2015/2016 Arctic MERRA2 Potential Vorticity
The daily progression through the 2015/2016 season of the various potential vorticity statistics, comparing 2015/2016 to the climatology of all other years. Clicking a link will bring up, in a new window, a PDF vector plot or a plain-text ASCII data file that is suitable for input into any program.
The area of the vortex. (Plot is shown for 1 November–31 December on the 460-K isentropic surface.)
vortex edge potential vorticity
The potential vorticity at the polar vortex edge. (Plot is shown for 1 November–30 April on the 460-K surface.)
maximum potential vorticity
The maximum potential vorticity inside the polar vortex. (Plot is shown for 1 November–30 April on the 460-K surface.)
The Arctic polar vortex acts as a barrier to the exchange of polar and midlatitude air. The potential vorticity (PV) is a conserved quantity that acts as a tracer for motion on an isentropic surface. Plotting contours of PV on an isentropic surface readily shows the extent of the polar vortex. In the Arctic winter, the PV is more positive going from midlatitudes to the pole. The spacing of PV contours is very wide in the midlatitudes, very tight at the polar vortex edge, and then widens again inside of the vortex. The edge of the vortex is defined to be where the contours of PV are closest together. The area inside of this edge can be determined as the area of the polar vortex.

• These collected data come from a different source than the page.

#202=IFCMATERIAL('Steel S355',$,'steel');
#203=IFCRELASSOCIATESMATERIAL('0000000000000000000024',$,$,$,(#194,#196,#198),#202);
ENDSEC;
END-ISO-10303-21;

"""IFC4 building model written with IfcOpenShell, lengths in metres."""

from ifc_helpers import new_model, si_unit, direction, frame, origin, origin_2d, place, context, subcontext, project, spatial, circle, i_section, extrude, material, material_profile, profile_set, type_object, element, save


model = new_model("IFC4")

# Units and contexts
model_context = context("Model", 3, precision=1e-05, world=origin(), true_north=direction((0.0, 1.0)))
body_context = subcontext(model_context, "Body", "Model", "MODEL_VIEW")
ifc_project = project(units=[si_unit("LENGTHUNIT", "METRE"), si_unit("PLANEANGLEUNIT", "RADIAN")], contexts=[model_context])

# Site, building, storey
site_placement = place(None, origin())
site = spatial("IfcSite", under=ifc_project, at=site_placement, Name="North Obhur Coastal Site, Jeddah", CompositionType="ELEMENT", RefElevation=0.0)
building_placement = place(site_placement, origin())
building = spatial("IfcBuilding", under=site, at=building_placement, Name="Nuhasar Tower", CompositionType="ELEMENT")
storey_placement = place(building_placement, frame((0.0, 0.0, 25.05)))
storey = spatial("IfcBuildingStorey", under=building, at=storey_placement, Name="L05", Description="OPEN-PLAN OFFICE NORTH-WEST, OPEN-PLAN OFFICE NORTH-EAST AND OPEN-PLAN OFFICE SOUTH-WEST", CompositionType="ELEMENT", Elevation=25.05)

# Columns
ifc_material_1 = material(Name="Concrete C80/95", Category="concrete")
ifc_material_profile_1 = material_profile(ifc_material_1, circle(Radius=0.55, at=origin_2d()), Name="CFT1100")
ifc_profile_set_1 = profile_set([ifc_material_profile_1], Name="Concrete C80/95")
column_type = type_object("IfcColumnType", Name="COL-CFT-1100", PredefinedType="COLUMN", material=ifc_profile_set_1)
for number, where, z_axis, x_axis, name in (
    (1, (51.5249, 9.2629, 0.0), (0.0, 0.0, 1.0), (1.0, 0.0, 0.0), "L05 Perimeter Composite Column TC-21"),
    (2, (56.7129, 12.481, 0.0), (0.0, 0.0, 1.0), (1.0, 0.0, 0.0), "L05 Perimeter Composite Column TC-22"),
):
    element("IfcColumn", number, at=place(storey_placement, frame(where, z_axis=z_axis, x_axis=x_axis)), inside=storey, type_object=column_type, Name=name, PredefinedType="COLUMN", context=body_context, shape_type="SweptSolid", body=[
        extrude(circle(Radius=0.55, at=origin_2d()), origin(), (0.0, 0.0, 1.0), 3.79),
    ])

The data are from the Modern-Era Retrospective analysis for Research and Applications, Version 2 ( MERRA-2) assimilation, produced by the Goddard Earth Observing System Data Assimilation System (GEOS DAS). MERRA-2 uses a version of the GEOS model with the Gridpoint Statistical Interpolation (GSI) atmospheric analysis developed jointly with NOAA/NCEP/EMC. Since it takes about two months to incorporate these data into the statistics, we supplement the MERRA-2 assimilation with the GEOS FP assimilation system that provides analyses and forecasts. This assimilation system is also produced by the GEOS DAS. and integrates forefront versions of the GEOS atmospheric general circulation model with advanced data assimilation techniques, using a broad range of satellite observations.